Anna raised an eyebrow. “Would you quit being perverted and pay attention for once?”

“I’m trying.”

She sighed again, but it was forced, and I could see the beginnings of a smile playing on her lips.

“Seriously. You need to practice meditating. Once you get the hang of it, you can make your mind completely blank. I always do it before a fight. It helps my concentration.” She looked at me. “Do you understand?”

“Yeah. Makes sense.”

“Good. You really need to practice it. I can’t stress that enough.” She looked at my arm, touching my left bicep. “You’re getting stronger. You’ve been working out still?”

“Yeah, of course. I didn’t realize you were such a fan.”

“I’m just commenting on your physique,” she said. Despite this comment, her face flushed slightly red “I can actually see you when you stand sideways, now. You were so rail thin before.”

“Ouch.” I set her katana gently on her bed. “My ‘physique’, huh?”

She ignored my comment. “When you go to your hab today, I want you to do the mediation.
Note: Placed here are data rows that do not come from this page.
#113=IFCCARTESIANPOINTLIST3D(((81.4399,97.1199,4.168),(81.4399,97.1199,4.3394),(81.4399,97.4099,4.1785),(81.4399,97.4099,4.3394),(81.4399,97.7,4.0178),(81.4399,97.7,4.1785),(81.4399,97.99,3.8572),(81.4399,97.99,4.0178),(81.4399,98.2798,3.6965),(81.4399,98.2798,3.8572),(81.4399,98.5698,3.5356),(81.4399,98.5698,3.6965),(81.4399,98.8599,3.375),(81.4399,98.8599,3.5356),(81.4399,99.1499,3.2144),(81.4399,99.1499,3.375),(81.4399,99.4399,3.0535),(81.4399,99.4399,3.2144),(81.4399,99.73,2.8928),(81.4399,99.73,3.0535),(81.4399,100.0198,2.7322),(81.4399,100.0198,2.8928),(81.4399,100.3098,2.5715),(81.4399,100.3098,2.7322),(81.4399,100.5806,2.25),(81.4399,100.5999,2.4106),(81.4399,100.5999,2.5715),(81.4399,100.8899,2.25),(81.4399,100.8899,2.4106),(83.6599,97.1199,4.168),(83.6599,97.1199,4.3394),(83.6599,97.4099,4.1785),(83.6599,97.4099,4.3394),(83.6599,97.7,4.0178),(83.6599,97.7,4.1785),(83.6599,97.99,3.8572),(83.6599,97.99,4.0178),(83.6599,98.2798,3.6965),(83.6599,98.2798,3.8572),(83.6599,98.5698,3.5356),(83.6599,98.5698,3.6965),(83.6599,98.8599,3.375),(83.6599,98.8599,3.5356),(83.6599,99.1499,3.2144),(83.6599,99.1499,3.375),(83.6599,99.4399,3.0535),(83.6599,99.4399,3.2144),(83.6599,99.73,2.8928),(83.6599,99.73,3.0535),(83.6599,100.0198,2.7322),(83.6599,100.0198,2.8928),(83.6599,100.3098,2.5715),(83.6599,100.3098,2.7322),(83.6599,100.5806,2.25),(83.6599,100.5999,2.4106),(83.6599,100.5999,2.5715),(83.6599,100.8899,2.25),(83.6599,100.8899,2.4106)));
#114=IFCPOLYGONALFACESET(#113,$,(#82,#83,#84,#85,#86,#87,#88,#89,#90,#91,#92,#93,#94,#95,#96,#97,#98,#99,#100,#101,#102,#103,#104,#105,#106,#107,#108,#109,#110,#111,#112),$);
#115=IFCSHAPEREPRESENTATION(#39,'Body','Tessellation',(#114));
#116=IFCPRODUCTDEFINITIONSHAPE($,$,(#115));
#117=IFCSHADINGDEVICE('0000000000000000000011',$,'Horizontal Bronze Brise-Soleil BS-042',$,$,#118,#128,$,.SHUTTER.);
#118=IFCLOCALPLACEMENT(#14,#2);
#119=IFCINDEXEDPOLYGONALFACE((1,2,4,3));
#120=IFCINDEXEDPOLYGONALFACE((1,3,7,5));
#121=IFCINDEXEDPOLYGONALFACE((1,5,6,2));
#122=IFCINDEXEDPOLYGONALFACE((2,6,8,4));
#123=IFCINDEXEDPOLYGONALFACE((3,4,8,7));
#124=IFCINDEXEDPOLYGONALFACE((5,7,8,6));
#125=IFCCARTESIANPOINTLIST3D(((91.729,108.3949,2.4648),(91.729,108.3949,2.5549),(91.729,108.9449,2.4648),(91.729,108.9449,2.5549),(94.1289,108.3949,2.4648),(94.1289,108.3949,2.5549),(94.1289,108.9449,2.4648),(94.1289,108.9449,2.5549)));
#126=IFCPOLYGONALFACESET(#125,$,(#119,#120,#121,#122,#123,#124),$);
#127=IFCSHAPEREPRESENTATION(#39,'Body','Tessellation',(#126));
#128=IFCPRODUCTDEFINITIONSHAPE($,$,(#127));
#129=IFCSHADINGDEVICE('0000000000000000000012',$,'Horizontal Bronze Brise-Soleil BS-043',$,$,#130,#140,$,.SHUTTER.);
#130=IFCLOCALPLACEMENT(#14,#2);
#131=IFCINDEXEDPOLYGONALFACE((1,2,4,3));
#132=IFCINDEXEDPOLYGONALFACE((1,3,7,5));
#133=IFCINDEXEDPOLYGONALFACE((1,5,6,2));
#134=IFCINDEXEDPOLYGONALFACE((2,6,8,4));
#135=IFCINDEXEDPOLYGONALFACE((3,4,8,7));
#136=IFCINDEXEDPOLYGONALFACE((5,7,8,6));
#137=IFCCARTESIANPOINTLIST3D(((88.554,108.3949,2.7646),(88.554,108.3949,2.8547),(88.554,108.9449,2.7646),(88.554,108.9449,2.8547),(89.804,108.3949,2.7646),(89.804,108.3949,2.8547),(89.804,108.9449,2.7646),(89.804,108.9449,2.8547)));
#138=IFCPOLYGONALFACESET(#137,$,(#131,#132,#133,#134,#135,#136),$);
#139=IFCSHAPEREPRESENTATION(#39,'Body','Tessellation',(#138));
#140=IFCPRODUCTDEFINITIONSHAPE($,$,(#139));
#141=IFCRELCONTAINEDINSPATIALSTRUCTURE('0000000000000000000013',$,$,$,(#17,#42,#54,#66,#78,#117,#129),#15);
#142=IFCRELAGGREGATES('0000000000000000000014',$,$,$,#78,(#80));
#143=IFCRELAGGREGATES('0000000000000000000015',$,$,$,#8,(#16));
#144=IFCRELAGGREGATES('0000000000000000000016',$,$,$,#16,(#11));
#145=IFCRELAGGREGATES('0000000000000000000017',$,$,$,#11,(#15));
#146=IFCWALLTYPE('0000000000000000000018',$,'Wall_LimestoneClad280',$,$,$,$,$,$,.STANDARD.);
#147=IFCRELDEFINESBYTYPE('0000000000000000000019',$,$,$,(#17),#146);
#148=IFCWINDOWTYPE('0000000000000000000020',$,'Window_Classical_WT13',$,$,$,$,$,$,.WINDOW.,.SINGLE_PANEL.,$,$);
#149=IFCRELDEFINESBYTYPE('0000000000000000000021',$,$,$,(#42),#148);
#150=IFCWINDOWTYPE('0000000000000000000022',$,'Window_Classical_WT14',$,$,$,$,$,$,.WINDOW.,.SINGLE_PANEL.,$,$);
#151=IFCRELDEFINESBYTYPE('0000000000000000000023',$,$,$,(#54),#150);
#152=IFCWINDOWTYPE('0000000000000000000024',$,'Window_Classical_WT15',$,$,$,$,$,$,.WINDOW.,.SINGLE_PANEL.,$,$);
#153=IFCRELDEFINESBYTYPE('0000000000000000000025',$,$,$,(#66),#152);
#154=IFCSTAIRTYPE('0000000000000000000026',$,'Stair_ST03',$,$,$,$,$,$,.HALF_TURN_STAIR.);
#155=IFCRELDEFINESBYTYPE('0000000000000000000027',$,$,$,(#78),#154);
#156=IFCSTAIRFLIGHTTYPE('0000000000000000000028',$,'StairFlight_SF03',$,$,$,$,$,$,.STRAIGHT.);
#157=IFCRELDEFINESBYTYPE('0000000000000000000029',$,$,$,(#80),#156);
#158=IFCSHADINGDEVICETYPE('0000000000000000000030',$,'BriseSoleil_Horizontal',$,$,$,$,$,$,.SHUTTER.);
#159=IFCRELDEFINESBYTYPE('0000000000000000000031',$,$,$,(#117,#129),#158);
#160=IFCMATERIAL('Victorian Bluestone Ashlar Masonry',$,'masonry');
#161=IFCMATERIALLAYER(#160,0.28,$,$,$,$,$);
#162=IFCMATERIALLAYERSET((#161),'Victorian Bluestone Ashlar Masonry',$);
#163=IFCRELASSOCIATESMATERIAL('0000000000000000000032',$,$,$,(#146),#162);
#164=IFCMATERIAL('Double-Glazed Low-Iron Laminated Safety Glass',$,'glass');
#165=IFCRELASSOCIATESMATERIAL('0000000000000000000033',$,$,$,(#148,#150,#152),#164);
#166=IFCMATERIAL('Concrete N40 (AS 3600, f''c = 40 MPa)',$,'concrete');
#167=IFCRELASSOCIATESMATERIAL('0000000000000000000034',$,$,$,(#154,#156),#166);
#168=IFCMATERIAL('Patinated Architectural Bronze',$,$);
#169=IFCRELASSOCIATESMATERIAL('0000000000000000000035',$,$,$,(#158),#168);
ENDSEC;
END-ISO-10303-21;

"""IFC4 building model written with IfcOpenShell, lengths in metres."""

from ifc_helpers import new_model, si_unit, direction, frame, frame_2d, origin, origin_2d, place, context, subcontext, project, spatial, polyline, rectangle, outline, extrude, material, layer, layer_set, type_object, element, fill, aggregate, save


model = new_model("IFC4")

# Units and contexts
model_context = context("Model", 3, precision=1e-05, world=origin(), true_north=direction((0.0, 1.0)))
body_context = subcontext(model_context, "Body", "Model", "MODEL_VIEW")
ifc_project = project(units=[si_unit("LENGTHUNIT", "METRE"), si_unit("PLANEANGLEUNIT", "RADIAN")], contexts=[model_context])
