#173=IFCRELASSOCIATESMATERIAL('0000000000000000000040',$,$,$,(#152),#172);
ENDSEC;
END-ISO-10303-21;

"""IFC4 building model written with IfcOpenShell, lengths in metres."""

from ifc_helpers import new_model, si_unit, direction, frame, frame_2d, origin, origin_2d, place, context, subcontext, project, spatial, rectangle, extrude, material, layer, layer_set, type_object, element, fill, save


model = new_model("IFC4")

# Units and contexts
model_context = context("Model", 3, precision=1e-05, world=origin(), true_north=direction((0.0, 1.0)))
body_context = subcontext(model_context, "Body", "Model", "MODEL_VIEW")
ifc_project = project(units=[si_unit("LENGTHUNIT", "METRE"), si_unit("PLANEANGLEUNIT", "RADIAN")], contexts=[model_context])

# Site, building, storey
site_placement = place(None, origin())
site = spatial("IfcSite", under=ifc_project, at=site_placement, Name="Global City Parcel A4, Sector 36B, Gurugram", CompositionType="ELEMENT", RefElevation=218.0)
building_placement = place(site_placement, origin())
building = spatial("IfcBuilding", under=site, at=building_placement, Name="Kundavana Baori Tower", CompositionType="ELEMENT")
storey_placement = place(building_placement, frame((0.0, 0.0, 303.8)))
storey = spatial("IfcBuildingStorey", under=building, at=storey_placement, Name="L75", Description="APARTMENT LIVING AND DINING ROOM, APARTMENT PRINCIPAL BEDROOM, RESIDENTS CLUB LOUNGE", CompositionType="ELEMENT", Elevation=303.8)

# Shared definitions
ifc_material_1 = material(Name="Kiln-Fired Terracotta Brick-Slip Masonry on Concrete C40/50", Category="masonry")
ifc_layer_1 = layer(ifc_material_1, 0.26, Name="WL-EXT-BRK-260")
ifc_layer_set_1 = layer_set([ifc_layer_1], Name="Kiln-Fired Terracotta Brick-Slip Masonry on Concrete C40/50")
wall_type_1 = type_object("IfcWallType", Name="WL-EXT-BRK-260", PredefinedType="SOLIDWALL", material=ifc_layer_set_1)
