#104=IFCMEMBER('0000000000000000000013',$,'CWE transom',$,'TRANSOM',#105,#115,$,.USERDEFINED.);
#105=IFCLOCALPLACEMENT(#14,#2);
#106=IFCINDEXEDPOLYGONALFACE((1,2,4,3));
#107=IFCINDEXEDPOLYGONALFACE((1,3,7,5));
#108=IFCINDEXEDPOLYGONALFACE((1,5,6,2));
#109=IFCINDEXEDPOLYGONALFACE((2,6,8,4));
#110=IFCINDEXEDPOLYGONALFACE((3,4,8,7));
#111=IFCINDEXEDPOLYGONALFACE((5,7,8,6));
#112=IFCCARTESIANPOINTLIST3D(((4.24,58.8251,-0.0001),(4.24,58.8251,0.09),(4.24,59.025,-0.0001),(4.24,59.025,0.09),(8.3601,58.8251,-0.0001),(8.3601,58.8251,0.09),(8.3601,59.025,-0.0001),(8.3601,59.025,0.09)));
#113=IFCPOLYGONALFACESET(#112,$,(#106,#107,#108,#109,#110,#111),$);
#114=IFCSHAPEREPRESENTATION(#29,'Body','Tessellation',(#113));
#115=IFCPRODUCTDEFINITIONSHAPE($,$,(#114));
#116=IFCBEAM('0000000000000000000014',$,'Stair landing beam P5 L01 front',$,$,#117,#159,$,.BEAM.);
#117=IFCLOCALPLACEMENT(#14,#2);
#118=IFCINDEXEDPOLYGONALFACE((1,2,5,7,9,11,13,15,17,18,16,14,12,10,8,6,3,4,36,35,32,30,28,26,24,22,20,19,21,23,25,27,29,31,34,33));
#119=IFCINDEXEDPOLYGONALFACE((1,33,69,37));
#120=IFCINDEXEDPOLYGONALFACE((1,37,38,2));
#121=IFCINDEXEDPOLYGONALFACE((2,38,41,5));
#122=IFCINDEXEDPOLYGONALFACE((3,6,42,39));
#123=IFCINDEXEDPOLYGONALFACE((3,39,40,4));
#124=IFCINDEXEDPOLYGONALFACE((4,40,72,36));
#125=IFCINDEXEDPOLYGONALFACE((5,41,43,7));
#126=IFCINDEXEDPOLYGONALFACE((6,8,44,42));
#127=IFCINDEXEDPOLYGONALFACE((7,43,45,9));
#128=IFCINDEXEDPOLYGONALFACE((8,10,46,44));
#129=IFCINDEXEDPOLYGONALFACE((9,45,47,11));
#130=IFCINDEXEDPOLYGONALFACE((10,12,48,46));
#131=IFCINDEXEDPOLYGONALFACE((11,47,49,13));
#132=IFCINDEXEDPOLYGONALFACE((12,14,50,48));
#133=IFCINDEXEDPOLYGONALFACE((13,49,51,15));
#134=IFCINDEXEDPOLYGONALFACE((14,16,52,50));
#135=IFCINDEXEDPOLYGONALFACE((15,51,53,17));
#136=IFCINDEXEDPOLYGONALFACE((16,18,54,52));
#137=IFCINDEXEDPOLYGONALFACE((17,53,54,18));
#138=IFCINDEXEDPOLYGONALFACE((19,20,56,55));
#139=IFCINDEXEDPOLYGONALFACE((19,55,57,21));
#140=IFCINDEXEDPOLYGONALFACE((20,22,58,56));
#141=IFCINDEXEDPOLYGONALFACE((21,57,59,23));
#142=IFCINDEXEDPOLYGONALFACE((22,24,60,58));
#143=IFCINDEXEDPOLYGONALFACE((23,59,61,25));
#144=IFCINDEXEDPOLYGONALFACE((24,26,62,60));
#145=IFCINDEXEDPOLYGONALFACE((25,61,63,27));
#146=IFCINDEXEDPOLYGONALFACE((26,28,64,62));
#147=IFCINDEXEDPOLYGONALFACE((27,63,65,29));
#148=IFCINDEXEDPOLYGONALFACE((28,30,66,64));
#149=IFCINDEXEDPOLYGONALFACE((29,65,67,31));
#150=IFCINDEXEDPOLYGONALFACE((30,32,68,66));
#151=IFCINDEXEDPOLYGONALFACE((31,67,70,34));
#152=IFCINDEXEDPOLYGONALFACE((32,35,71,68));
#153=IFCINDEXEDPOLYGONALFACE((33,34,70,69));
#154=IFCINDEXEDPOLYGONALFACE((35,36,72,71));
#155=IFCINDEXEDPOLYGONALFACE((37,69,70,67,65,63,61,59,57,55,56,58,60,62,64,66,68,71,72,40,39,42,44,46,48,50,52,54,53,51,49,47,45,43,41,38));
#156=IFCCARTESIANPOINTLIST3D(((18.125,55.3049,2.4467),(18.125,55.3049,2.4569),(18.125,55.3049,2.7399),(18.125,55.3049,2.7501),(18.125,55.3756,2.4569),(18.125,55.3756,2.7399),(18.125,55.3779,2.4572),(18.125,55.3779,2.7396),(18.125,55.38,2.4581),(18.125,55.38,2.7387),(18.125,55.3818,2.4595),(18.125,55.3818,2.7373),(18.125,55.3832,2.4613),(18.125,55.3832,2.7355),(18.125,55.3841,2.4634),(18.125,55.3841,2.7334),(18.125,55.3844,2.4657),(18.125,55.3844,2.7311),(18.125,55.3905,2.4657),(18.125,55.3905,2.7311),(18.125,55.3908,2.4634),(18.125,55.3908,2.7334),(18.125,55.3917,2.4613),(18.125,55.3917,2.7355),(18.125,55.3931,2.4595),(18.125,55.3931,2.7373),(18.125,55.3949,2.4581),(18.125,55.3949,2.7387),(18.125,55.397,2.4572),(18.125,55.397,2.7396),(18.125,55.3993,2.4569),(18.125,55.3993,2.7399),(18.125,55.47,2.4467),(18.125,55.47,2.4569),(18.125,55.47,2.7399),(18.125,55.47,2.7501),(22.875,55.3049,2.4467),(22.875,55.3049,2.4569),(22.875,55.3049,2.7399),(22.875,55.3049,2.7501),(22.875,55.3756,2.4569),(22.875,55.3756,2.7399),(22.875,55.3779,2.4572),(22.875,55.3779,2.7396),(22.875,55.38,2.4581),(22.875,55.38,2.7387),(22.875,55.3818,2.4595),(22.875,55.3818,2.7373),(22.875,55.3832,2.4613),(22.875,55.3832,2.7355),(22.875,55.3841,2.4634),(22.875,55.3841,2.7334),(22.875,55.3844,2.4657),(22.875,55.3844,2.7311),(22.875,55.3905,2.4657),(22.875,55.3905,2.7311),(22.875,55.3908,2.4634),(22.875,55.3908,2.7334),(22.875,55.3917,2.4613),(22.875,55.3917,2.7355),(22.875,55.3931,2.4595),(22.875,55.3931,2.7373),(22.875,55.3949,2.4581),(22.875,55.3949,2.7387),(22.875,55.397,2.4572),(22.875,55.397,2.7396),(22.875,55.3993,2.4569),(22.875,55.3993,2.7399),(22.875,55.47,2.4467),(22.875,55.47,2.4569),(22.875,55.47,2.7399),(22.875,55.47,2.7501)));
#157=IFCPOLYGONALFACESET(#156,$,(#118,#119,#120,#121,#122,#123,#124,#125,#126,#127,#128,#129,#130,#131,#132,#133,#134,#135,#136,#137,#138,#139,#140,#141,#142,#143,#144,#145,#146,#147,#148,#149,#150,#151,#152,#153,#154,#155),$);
I mean it.”

“Alright. I get it.” I turned for the door. “I’m going to grab dinner, if you want to come.”

She shook her head. “I still need to practice myself. Thanks, though.”

“You’ve already practiced this morning.”

“I practice twice a day. If you can wait a couple hours...maybe. We’ll see.”

My stomach growled in protest. Between my hunger and her playing hard to get, I think my stomach was going to win. “No, I probably can’t wait that long. So, you want to meet at the same time tomorrow?”

Anna took up her blade, staring intently ahead. “Works for me.”

I left her room and made my way back to my hab. Two months in Skyhome, I finally got the chance to see Anna a little more. Nothing had happened between us. At least, not yet. I felt some flirtatious vibes from her, but it always looked like she was doing her best to suppress them. Which made sense; after all, we were all here for the mission. But when you spend a lot of time with someone, you can’t help but think about them.

So far, Anna had only agreed to help train me to use the katana. I wanted a backup, in case I somehow couldn’t use my gun, but I think we both knew that I was just using training as an excuse to get to know her. I had learned a lot, but I was still a long way from being even semi-competent. All the same, I appreciated everything I was learning, and it was nice to see her.

Still, after two months, I was hoping that things could have progressed a little more with Anna. And I wasn’t just crazy. After all, it was
my hand
she decided to grab down there on Earth, when the crawlers had been coming for us on the runway. And the way she looked at me sometimes, when she thought I wasn’t looking...well, let’s just say there
had
to be something there.

Hopefully, the right opportunity would present itself.

Chapter 2

O
n returning to my hab, I practiced the meditation Anna taught me. I was failing miserably. No matter how much I tried, my thoughts kept spinning out of control. I’ve always been a sufferer of the disease known as “thinking too much.”